Encana bought the field in 2004. Between then and the end of 2007, the company drilled 44 new gas wells, bringing the total in the field to 125. The company also inherited several old production pits — large open-air pits dug to store drilling waste, much of it toxic — that Encana never used. The company discovered groundwater contamination seeping from those pits and in 2005 began trying to remediate the problem, a process that’s still going on.

But the presence of a big-name outfit like Encana didn’t put an end to the growing water well contamination in the area.

In late 2004, Meeks, a former gas and oilfield worker, said Encana “drilled a well 500 feet from my house. They completed it — fracked it — in January 2005, and in early February my water went bad.”
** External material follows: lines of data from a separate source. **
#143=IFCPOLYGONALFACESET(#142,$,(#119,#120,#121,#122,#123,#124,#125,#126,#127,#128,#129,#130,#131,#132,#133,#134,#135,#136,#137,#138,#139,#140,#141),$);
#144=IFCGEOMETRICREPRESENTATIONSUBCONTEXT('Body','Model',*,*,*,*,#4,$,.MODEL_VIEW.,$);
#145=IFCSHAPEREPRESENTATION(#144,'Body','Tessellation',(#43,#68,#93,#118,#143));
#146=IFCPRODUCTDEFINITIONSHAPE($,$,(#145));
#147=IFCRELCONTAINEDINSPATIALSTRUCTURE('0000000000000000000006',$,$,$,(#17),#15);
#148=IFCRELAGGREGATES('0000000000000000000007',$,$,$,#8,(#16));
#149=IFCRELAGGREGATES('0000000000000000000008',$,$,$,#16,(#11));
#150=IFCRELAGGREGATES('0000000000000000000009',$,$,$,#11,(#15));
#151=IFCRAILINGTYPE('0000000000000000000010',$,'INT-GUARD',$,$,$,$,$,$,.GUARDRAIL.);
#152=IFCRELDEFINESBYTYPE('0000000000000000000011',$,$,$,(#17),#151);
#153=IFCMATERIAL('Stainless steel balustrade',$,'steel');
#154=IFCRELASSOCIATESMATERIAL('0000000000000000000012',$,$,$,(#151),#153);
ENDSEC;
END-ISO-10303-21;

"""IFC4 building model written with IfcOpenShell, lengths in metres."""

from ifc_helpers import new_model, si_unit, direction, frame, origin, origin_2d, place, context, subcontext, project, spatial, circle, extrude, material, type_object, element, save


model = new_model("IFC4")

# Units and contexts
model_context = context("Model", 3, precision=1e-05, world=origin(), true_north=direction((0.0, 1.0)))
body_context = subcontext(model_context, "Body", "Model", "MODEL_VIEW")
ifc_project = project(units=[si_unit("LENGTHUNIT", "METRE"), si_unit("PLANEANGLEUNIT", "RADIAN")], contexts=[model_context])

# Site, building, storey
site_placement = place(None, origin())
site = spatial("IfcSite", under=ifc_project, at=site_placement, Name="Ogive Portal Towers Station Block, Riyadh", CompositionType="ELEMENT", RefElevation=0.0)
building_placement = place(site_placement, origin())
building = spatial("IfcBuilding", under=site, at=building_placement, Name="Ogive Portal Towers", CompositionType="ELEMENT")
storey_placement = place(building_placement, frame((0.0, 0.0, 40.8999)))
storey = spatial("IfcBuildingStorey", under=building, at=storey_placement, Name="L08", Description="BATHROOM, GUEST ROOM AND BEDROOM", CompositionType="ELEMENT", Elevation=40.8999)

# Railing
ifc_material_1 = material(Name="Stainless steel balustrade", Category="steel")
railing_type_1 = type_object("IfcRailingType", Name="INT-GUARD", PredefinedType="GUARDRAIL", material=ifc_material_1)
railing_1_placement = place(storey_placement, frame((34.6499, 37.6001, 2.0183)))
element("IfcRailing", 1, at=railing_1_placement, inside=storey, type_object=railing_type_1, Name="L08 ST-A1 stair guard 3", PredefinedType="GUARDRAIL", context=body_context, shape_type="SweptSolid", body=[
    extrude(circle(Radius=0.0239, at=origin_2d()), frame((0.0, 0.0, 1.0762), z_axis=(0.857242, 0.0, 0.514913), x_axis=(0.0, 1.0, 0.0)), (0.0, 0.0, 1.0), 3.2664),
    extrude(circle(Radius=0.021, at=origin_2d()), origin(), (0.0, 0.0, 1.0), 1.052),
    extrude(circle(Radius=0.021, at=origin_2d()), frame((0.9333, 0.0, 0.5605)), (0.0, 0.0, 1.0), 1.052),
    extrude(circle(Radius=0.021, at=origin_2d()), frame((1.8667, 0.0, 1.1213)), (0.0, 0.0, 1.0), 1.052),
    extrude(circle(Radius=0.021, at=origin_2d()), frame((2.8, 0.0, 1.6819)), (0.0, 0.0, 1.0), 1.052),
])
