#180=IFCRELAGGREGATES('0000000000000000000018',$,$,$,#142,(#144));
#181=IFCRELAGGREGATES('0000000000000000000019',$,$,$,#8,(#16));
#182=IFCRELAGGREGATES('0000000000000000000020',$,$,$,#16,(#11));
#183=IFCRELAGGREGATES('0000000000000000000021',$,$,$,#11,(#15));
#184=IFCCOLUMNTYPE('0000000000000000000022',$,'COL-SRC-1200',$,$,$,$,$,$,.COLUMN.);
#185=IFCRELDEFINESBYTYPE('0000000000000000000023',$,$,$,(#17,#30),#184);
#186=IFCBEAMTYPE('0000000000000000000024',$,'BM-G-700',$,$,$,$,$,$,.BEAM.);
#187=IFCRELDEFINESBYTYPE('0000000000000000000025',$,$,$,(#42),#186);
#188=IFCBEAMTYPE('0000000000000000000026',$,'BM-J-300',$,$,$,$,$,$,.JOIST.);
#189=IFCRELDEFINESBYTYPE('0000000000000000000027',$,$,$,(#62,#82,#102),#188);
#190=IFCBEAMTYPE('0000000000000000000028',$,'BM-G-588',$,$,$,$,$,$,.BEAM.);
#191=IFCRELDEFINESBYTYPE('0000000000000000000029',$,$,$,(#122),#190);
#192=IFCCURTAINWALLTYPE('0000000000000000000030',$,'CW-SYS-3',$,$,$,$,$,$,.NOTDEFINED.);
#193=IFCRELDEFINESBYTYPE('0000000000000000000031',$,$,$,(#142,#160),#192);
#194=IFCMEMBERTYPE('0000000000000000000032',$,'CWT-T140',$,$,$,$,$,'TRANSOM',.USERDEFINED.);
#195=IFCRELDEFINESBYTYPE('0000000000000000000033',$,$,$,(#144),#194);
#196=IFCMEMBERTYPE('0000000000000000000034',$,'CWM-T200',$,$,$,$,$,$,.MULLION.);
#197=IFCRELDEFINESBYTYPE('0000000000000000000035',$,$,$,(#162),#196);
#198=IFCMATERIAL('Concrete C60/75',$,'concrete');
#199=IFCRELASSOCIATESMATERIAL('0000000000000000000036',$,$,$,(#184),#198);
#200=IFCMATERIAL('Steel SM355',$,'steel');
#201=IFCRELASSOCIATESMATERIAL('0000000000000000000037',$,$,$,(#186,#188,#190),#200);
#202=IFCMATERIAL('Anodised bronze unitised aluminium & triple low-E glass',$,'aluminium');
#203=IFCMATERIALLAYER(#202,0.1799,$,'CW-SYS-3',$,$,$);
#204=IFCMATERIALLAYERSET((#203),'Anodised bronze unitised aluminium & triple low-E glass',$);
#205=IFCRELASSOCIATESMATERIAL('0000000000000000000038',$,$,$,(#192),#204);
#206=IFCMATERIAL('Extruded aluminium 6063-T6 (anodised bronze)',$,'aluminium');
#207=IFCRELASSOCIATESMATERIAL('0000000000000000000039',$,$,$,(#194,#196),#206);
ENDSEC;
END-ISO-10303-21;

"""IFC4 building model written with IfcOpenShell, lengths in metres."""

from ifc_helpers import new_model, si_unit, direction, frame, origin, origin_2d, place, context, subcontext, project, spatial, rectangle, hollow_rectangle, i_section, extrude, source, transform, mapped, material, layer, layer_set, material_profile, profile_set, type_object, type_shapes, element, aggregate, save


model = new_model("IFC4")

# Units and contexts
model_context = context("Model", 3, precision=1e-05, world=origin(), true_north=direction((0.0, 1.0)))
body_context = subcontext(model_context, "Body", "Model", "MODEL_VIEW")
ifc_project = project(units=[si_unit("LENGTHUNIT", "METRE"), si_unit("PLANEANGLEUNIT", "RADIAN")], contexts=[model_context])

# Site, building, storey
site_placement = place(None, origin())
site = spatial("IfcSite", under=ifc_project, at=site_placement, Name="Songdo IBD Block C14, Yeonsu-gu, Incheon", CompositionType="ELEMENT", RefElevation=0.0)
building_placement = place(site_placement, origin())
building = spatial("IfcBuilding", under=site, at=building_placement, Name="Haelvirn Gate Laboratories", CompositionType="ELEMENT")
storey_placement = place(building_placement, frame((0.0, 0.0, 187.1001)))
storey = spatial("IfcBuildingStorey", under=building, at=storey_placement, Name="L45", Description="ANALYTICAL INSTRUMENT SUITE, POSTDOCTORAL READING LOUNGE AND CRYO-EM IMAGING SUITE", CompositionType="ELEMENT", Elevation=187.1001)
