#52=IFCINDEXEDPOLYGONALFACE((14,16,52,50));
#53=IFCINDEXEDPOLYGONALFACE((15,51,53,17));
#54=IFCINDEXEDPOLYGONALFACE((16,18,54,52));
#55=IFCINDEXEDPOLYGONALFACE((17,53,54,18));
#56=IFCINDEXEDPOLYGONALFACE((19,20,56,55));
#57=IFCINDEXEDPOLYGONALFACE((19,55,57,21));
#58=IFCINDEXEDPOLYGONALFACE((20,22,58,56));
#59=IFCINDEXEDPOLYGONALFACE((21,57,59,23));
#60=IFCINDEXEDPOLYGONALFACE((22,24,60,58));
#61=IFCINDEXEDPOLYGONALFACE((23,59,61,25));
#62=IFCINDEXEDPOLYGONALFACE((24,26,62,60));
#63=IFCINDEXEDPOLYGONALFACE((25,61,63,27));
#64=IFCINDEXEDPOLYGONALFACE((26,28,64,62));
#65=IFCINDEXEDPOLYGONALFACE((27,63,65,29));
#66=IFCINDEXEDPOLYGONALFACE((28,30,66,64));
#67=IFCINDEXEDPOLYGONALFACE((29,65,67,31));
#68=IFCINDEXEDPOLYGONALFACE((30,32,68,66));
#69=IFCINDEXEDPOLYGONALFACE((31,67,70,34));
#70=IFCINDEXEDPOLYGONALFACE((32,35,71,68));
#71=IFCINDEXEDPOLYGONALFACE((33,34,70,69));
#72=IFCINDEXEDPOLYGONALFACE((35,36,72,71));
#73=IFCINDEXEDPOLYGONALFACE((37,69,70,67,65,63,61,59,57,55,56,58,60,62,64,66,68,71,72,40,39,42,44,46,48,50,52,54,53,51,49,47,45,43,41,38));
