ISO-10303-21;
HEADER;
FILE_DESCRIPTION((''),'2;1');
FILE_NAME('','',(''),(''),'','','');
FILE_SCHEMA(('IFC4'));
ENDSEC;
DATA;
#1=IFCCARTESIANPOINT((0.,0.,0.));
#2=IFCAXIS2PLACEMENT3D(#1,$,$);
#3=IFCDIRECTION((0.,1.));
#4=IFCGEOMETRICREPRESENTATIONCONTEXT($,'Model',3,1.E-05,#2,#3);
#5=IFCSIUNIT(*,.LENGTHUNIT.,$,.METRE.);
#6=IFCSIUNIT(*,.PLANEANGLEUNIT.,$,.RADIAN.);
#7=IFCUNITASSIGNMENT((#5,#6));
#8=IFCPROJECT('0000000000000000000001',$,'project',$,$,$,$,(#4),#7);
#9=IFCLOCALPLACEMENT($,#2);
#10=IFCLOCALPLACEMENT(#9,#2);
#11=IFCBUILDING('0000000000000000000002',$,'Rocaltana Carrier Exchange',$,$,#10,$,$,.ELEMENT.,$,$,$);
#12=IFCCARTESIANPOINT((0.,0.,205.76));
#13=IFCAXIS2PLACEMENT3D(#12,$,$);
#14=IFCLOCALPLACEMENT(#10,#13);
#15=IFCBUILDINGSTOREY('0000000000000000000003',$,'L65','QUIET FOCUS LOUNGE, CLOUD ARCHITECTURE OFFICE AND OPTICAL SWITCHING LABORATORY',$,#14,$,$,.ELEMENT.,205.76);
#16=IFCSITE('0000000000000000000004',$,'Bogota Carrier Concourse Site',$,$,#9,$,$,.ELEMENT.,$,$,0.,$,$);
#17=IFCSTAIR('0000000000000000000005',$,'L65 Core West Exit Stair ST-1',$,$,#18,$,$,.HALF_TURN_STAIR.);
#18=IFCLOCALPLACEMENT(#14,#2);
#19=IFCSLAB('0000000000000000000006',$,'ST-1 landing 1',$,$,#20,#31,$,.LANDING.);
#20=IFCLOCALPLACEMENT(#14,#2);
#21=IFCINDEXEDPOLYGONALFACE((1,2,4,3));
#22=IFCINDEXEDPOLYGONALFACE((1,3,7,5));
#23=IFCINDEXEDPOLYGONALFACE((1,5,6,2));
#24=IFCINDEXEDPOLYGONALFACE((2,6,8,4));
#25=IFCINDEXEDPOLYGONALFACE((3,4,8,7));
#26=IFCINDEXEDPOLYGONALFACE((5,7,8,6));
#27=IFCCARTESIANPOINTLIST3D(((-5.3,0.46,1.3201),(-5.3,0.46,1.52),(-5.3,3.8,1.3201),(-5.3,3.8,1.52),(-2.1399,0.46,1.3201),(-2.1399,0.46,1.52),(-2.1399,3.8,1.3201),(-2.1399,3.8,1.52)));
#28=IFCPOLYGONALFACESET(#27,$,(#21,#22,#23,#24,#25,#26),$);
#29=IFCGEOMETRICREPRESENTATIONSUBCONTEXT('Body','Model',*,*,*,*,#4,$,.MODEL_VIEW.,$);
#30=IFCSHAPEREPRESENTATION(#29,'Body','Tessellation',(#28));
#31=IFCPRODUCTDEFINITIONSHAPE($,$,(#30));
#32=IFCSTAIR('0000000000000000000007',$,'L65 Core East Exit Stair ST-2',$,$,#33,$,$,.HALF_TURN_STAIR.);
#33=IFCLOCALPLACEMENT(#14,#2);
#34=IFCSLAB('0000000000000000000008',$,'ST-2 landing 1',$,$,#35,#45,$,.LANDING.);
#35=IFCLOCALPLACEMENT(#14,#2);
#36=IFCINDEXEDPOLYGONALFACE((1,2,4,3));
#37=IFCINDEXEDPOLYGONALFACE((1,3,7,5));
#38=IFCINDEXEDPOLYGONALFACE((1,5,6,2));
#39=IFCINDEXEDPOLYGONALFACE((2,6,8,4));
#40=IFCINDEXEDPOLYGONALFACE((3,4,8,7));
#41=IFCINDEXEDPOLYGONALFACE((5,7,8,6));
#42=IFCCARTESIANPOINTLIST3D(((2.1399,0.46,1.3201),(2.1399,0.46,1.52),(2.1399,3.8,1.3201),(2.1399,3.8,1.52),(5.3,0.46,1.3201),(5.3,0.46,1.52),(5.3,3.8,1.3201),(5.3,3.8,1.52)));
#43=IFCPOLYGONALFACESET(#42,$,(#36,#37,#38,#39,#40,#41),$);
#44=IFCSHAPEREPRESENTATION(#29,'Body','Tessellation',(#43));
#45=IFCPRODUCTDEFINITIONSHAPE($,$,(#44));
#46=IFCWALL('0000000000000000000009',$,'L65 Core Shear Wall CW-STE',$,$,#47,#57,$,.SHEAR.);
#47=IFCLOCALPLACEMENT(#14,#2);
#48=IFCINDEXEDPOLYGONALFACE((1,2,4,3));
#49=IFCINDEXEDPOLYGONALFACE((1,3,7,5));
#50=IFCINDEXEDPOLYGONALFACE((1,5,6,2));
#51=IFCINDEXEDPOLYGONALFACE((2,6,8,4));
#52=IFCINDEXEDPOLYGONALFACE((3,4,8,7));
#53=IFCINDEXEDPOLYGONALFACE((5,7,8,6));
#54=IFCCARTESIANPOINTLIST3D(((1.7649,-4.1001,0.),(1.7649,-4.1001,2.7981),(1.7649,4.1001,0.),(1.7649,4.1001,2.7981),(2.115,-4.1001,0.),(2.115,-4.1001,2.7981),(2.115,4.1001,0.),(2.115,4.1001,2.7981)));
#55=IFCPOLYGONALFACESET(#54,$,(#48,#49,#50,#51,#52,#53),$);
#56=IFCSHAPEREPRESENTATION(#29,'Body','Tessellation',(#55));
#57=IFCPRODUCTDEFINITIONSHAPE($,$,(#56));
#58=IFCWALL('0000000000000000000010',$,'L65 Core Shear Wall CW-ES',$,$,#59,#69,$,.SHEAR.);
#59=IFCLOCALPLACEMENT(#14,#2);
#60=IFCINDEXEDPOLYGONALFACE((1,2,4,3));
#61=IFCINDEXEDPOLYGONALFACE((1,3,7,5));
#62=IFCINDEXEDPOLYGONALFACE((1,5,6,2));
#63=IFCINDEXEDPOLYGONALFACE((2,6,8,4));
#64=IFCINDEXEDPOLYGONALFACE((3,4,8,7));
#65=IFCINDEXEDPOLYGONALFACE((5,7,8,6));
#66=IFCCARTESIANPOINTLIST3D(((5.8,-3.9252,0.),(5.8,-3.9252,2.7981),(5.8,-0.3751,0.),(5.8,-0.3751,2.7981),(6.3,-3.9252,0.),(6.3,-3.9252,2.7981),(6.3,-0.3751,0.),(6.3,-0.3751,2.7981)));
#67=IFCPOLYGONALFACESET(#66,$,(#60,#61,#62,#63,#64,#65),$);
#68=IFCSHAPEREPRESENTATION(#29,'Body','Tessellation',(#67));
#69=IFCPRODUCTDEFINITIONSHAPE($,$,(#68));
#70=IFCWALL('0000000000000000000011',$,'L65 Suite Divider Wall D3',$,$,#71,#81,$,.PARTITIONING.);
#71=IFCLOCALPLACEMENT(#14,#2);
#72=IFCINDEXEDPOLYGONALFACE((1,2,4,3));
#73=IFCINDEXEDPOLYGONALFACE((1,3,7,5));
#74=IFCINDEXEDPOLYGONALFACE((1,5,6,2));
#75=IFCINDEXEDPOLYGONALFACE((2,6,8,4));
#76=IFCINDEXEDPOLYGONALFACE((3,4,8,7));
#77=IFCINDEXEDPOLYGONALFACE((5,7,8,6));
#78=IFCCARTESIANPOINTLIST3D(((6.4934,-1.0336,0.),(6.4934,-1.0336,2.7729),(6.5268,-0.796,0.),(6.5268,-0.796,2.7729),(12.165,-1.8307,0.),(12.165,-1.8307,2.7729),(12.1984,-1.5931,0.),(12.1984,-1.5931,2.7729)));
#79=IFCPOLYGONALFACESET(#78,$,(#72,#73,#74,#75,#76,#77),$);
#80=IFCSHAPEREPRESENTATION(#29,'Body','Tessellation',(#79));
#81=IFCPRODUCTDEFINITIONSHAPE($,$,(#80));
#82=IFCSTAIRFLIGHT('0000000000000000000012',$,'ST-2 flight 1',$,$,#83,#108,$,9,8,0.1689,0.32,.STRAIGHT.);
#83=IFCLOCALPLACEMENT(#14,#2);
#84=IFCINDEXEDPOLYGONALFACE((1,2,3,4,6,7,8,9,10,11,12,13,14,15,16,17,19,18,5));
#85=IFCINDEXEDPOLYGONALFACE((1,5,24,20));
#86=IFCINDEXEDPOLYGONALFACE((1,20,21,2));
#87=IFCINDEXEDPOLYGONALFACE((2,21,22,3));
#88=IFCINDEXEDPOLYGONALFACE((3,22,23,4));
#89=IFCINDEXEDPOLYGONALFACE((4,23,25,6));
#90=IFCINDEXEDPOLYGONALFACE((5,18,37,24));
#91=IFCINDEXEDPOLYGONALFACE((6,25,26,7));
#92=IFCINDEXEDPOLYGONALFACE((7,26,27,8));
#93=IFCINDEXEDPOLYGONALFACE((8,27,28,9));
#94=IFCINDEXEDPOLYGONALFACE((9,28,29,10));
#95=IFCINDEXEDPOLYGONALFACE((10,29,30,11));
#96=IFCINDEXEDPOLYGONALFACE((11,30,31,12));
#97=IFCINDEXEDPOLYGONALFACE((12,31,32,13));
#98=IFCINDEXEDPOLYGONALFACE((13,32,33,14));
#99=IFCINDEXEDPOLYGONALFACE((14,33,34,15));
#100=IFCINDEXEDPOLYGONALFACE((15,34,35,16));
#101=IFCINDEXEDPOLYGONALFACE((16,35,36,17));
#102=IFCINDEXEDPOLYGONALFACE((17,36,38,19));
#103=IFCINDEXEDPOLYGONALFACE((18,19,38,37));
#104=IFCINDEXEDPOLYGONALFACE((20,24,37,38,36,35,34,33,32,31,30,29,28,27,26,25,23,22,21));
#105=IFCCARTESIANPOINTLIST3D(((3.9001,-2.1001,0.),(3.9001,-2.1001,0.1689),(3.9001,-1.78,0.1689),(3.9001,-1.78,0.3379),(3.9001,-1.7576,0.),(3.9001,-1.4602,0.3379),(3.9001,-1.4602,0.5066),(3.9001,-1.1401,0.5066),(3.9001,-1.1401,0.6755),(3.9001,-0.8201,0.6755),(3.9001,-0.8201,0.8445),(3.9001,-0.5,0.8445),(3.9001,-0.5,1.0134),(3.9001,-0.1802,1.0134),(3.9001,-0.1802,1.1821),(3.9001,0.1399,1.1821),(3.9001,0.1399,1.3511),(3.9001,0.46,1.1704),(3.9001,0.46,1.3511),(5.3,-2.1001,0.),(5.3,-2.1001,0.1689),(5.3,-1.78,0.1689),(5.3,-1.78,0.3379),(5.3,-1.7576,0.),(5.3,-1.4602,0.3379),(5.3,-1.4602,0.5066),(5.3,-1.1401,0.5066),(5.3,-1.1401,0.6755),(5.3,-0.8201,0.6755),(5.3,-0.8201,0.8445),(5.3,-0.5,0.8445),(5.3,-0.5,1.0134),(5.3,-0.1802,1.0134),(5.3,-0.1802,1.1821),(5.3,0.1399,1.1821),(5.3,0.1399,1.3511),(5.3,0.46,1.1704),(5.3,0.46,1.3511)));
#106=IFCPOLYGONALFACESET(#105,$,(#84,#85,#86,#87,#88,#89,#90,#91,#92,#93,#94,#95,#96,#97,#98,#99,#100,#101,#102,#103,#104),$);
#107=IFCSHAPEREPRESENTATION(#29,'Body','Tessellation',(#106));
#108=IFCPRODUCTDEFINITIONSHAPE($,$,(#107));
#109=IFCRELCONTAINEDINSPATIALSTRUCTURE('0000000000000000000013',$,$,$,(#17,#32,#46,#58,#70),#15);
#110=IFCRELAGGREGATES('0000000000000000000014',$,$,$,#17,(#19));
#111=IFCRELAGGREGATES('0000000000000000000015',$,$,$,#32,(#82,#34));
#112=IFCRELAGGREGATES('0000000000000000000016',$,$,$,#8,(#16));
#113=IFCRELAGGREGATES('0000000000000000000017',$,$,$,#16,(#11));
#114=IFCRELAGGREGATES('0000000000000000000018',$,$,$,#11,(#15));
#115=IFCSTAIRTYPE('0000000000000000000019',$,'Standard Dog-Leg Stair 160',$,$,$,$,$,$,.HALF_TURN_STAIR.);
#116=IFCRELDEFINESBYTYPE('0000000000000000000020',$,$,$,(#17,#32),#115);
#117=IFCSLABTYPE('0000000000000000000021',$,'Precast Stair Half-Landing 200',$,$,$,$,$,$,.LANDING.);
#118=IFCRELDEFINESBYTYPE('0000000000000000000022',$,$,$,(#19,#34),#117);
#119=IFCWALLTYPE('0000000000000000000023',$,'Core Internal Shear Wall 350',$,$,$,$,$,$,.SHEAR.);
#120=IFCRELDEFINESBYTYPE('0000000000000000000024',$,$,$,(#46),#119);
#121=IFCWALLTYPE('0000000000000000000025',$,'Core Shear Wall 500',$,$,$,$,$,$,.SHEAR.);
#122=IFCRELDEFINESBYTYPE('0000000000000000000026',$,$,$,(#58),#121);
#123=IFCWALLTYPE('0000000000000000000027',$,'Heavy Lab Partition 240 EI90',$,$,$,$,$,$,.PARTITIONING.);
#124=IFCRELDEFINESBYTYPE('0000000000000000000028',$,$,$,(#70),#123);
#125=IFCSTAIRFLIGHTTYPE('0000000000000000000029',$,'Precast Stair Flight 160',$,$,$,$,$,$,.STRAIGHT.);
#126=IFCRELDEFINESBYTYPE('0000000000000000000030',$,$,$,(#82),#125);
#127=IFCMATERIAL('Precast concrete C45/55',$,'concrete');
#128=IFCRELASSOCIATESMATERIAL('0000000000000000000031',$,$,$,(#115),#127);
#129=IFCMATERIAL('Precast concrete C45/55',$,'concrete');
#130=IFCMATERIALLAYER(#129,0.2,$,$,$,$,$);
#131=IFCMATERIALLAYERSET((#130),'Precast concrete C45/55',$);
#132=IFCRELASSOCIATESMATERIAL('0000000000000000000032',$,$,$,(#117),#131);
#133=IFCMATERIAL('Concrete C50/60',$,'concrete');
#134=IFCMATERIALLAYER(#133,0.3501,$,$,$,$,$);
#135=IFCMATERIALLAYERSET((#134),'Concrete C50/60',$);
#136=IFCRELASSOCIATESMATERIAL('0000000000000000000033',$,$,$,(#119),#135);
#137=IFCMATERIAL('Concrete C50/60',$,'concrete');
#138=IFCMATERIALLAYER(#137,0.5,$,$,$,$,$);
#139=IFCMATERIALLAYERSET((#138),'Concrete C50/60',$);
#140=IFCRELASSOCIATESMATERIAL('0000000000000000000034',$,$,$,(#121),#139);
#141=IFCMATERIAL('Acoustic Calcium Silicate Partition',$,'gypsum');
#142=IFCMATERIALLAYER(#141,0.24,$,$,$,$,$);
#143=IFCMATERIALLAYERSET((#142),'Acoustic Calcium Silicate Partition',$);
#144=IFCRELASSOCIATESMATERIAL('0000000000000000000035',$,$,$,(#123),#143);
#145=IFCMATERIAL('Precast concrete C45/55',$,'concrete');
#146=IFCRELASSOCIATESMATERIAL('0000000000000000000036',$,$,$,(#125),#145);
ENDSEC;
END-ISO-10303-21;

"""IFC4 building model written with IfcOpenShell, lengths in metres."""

from ifc_helpers import new_model, si_unit, direction, frame, frame_2d, origin, place, context, subcontext, project, spatial, polyline, rectangle, outline, extrude, material, layer, layer_set, type_object, element, aggregate, save


model = new_model("IFC4")

# Units and contexts
model_context = context("Model", 3, precision=1e-05, world=origin(), true_north=direction((0.0, 1.0)))
body_context = subcontext(model_context, "Body", "Model", "MODEL_VIEW")
ifc_project = project(units=[si_unit("LENGTHUNIT", "METRE"), si_unit("PLANEANGLEUNIT", "RADIAN")], contexts=[model_context])

# Site, building, storey
site_placement = place(None, origin())
site = spatial("IfcSite", under=ifc_project, at=site_placement, Name="Bogota Carrier Concourse Site", CompositionType="ELEMENT", RefElevation=0.0)
building_placement = place(site_placement, origin())
building = spatial("IfcBuilding", under=site, at=building_placement, Name="Rocaltana Carrier Exchange", CompositionType="ELEMENT")
storey_placement = place(building_placement, frame((0.0, 0.0, 205.76)))
storey = spatial("IfcBuildingStorey", under=building, at=storey_placement, Name="L65", Description="QUIET FOCUS LOUNGE, CLOUD ARCHITECTURE OFFICE AND OPTICAL SWITCHING LABORATORY", CompositionType="ELEMENT", Elevation=205.76)

# Stairs, slabs
ifc_material_1 = material(Name="Precast concrete C45/55", Category="concrete")
stair_type = type_object("IfcStairType", Name="Standard Dog-Leg Stair 160", PredefinedType="HALF_TURN_STAIR", material=ifc_material_1)
stair_1_placement = place(storey_placement, origin())
stair_1 = element("IfcStair", 1, at=stair_1_placement, inside=storey, type_object=stair_type, Name="L65 Core West Exit Stair ST-1", PredefinedType="HALF_TURN_STAIR")
ifc_material_2 = material(Name="Precast concrete C45/55", Category="concrete")
ifc_layer_1 = layer(ifc_material_2, 0.2)
ifc_layer_set_1 = layer_set([ifc_layer_1], Name="Precast concrete C45/55")
slab_type = type_object("IfcSlabType", Name="Precast Stair Half-Landing 200", PredefinedType="LANDING", material=ifc_layer_set_1)
slab_1_placement = place(storey_placement, frame((0.0, 0.0, 1.3201)))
When Meeks complained to Encana, he said, the company immediately brought a water tank to his home and hooked it up. “They got the tank to me in March, I think, and they took care of all my house water needs. But then in October they decided it wasn’t their fault my well went bad, and they pulled the tank.”

Meeks brought in a private company to drill a new well, hoping the water would be usable. At the initial completion depth of 180 feet, the water was “horrible. It was filled with floating things, bad smell, just rotten. It was really just production water from the gas drilling.”

Meeks told the water well driller to go deeper. The well reached 540 feet and a new water pocket. “We decided to clean out the hole — we’d already dropped the casing pipe in and had it cemented — to see what kind of water we had,” he said. But when they’d cleaned out the drilling mud and old water with air pressure to about half the water well’s depth, foamy gas began coming up with the water.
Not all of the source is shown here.